The federal grant system has been an amazing success story for the United States.

In college, I originally intended to study philosophy, but once I realized that you could scientifically study how the mind works, I switched to neurobiology. I had no real career plans after I graduated. I thought maybe I’d support myself by working as a welder and try to write a comic novel. I never considered a career in scientific research. But I ended up getting a job as a lab tech at Boston Children’s Hospital. The lab was studying the electrical system of the heart to develop pacemakers for kids, which was the start of my interest in ion channels.

When I learned about science as an undergraduate, it seemed like something that was only done by geniuses who won Nobel Prizes for having brilliant ideas. I knew I wasn’t a genius, and I didn’t think I was likely to have brilliant ideas, so it never occurred to me that I could be a scientist. What I discovered working in that cardiology lab was that day-to-day research was really fun. I realized that a lot of science is incremental and is done by normal people.

What I love about my research is being able to combine neurobiology and pharmacology. I’ve always been fascinated by the fact that almost all drugs we use in neuroscience were developed before we had the slightest idea why they worked. For example, antiepileptic drugs were discovered by trial-and-error testing in animal models. It’s only recently that we have started to understand the basic biology of these systems well enough to understand why drugs work. I’m excited by the idea of using this knowledge to develop better drugs. A top-down approach to drug development can and has worked, but I think a bottom-up approach that builds on basic research will allow us to improve and accelerate drug discovery.

The federal grant system has been an amazing success story for the United States. It’s an engine for technological advancement and it’s a partnership between the government and research labs. At a medical school, most scientists use federal funds to work on research that will benefit taxpayers. People may not realize how competitive it is to get federal research grants. In my field, the funded projects typically represent only 7 percent of the total projects deemed to be scientifically valuable. Only the very best, most promising projects are funded, which reflects that tax dollars are being used in a really impactful, targeted way to improve health care.

The reduction in federal research funding is potentially devastating. The entire U.S. biotech and pharmaceutical industry relies on training graduate students and postdoctoral researchers in academic labs. For example, all four people in my lab are ultimately interested in careers in drug development at biotech or pharmaceutical companies. They joined my lab because it provides them with an opportunity to collaborate with medicinal chemists, pharmacologists, and other labs and gain the experience they’ll need to succeed in industry.
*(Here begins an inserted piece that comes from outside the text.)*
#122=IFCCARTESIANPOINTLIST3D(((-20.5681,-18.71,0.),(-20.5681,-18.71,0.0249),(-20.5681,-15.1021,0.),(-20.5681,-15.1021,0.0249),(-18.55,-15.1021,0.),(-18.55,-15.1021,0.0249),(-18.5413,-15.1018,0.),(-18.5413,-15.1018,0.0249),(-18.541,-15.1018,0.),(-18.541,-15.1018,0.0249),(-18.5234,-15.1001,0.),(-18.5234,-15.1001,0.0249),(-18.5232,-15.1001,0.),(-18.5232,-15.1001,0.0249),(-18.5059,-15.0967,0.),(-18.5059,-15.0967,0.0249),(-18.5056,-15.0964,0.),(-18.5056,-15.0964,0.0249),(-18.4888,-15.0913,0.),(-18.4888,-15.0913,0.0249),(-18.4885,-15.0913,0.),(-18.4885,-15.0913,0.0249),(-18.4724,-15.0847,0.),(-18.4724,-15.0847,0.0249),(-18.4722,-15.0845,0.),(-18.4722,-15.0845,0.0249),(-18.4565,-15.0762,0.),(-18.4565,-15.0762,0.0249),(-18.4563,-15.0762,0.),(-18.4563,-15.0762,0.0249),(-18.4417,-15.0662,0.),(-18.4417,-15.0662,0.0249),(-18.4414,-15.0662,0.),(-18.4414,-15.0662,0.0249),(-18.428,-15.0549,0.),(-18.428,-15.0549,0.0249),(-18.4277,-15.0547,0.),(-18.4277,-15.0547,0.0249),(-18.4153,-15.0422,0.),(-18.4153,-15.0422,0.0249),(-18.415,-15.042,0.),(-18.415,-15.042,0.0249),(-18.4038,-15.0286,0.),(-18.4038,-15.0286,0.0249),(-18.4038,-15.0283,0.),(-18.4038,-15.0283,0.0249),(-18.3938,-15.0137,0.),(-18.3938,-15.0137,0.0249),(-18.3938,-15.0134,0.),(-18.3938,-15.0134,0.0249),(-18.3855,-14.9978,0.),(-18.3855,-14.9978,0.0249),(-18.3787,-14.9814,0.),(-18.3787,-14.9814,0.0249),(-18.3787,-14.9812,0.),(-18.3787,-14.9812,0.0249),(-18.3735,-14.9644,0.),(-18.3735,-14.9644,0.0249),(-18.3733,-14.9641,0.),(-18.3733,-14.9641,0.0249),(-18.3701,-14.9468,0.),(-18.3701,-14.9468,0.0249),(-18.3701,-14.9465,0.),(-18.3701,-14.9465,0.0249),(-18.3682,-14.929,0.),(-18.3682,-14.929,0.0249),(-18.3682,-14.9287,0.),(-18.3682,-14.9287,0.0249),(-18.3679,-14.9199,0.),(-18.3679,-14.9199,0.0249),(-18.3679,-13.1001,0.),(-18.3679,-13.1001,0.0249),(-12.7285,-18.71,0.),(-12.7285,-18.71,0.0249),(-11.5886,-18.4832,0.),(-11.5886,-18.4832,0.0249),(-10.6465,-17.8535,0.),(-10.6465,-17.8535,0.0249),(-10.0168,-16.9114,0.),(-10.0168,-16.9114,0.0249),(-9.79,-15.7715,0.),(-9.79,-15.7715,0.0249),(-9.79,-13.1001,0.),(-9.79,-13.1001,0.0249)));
So beyond the effects on basic research — which are terrible — this will have a negative effect on the entire drug-development enterprise. The United States has been far ahead of any other country in biotech and pharma, and it’s because of the foundation of federal support to train scientists at research universities.
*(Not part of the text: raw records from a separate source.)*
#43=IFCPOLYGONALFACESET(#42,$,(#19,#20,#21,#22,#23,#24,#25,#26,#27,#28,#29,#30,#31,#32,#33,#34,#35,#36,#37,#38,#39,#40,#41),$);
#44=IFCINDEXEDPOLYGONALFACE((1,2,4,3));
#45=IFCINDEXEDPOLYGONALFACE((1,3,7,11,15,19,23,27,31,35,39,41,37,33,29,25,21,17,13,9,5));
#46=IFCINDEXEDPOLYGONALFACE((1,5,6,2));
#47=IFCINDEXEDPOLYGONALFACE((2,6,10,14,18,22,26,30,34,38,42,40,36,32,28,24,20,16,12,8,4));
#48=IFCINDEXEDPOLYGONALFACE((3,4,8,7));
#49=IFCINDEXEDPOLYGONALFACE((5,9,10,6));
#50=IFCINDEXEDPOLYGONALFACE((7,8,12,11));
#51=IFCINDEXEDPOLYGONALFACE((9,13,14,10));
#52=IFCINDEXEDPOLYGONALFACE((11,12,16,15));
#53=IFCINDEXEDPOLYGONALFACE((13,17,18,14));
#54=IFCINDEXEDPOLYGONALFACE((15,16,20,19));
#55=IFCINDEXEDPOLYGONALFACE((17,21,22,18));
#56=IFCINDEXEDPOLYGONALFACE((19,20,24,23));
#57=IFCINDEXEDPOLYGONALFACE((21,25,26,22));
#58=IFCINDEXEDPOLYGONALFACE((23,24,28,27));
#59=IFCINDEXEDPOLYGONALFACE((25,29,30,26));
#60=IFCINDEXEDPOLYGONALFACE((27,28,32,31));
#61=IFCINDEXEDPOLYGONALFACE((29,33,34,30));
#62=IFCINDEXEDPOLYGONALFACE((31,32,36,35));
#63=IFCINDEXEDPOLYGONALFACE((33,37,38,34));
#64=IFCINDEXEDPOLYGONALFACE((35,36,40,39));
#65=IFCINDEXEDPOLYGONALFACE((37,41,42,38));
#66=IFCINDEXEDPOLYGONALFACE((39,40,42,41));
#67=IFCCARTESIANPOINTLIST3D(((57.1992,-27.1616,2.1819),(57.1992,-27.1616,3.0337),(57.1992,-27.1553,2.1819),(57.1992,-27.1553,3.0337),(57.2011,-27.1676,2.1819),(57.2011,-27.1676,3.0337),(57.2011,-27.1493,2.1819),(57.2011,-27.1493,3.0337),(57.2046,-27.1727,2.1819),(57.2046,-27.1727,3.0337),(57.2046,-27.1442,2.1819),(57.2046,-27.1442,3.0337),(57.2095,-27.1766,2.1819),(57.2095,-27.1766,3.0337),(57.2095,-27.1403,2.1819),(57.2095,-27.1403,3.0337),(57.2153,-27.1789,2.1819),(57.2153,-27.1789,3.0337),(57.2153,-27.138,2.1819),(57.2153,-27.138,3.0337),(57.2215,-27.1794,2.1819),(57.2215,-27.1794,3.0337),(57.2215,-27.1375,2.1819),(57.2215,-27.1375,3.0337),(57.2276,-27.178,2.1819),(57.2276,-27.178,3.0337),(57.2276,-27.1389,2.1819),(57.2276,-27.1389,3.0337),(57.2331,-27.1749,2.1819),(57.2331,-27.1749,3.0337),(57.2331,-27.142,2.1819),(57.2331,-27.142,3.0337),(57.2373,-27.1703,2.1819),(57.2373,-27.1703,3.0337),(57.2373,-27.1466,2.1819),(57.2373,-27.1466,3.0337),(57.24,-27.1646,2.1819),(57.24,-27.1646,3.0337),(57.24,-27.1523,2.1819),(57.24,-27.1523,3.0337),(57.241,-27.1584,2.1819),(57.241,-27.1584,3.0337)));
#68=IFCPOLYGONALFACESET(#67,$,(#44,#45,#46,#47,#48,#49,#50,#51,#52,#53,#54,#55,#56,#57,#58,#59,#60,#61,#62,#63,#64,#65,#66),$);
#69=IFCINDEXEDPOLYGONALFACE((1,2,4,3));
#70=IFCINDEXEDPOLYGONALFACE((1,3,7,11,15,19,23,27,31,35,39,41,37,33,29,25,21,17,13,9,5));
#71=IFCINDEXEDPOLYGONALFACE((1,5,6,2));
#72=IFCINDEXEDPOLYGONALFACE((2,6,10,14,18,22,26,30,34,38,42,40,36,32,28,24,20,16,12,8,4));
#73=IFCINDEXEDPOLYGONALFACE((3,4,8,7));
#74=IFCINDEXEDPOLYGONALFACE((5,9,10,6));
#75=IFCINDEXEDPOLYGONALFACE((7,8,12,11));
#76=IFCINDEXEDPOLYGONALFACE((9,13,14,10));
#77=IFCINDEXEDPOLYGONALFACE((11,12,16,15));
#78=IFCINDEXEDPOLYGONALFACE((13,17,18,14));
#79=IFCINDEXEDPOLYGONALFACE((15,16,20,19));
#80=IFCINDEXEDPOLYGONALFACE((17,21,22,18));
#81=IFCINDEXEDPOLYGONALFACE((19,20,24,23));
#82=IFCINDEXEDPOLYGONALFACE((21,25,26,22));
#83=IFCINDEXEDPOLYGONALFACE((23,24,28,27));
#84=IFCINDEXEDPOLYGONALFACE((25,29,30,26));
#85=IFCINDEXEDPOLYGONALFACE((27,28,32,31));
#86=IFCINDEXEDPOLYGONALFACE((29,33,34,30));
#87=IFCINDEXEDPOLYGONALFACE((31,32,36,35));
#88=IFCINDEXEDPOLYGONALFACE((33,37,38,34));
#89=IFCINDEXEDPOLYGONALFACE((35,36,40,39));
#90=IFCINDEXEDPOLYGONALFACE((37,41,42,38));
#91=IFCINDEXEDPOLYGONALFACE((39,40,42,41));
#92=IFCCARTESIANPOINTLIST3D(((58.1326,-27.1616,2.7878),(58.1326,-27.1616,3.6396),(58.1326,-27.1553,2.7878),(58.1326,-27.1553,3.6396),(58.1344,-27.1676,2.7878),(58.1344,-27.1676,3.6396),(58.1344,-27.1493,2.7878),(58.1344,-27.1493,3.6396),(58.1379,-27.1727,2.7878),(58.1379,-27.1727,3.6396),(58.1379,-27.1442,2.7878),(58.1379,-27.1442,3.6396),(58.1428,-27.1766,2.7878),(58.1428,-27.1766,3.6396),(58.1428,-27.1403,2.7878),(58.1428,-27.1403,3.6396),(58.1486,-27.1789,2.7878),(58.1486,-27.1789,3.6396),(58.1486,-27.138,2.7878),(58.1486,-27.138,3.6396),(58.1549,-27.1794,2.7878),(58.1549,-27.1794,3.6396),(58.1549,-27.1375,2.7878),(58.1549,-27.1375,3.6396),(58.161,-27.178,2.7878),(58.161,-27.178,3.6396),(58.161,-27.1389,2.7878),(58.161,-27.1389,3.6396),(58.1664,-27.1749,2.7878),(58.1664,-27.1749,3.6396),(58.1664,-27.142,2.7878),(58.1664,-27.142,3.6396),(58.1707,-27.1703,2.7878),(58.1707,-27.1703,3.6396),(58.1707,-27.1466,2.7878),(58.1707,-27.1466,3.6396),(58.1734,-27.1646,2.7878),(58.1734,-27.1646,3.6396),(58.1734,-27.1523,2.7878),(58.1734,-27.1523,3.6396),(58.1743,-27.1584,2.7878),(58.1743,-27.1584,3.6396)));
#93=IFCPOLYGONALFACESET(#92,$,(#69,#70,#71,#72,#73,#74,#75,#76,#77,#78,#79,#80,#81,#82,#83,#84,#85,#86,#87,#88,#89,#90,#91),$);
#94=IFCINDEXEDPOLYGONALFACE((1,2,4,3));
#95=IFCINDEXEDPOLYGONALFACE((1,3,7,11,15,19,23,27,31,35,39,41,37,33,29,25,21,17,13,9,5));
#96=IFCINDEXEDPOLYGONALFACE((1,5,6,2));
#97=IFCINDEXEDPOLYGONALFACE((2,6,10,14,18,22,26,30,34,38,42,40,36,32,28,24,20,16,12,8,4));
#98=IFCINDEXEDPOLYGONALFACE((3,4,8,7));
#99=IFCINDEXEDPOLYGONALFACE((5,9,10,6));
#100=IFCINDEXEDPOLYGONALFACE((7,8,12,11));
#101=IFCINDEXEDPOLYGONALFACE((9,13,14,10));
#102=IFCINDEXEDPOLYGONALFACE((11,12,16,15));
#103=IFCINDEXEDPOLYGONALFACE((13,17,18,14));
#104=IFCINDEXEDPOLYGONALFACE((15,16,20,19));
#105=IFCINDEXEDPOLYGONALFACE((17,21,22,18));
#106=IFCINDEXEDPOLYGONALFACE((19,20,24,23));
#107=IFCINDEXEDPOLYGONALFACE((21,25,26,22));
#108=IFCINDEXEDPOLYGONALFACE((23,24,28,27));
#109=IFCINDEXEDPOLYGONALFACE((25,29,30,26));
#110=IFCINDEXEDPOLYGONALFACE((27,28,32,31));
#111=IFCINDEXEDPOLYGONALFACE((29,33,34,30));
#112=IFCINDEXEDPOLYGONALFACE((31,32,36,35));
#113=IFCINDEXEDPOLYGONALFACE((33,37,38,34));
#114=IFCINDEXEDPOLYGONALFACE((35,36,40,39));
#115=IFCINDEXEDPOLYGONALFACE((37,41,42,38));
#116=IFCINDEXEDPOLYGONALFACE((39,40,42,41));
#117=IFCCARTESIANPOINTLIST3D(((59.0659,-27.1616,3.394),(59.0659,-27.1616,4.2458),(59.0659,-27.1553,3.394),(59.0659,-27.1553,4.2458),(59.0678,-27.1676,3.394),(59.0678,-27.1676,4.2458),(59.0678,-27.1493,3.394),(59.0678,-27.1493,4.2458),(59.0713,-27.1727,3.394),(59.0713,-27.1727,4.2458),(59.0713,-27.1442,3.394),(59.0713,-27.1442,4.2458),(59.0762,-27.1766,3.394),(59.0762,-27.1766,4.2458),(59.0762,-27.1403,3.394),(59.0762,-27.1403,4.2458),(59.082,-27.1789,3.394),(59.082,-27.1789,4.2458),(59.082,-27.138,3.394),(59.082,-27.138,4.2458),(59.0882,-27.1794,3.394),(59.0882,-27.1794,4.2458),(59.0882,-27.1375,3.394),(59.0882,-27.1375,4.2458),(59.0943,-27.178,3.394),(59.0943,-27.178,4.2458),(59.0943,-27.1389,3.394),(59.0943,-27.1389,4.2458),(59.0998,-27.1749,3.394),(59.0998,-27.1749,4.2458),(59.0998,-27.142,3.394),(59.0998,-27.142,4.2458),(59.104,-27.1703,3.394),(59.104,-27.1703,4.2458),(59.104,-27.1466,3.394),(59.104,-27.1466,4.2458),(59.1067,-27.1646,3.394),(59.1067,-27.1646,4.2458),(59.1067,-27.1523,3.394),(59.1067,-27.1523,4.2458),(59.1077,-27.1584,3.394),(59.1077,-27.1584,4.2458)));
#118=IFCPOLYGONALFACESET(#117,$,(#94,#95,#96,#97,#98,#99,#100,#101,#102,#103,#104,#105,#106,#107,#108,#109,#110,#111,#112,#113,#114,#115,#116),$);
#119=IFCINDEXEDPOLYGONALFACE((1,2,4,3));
I’m also concerned about the disruption of funding, because research takes a long time. The work in my lab is built on a large base of knowledge, and the techniques are highly specialized, so it is time-consuming to train new people. It’s no accident that academia has evolved so that people spend five years as PhD students and another four or five years as postdocs; that’s how long it takes to master the science. Most projects take years, so continuity is key. Having a five- or eight-year grant is phenomenally effective for making progress on research — and disrupting that continuity is a huge problem.

Bruce Bean is the Robert Winthrop Professor of Neurobiology in the Blavatnik Institute at HMS.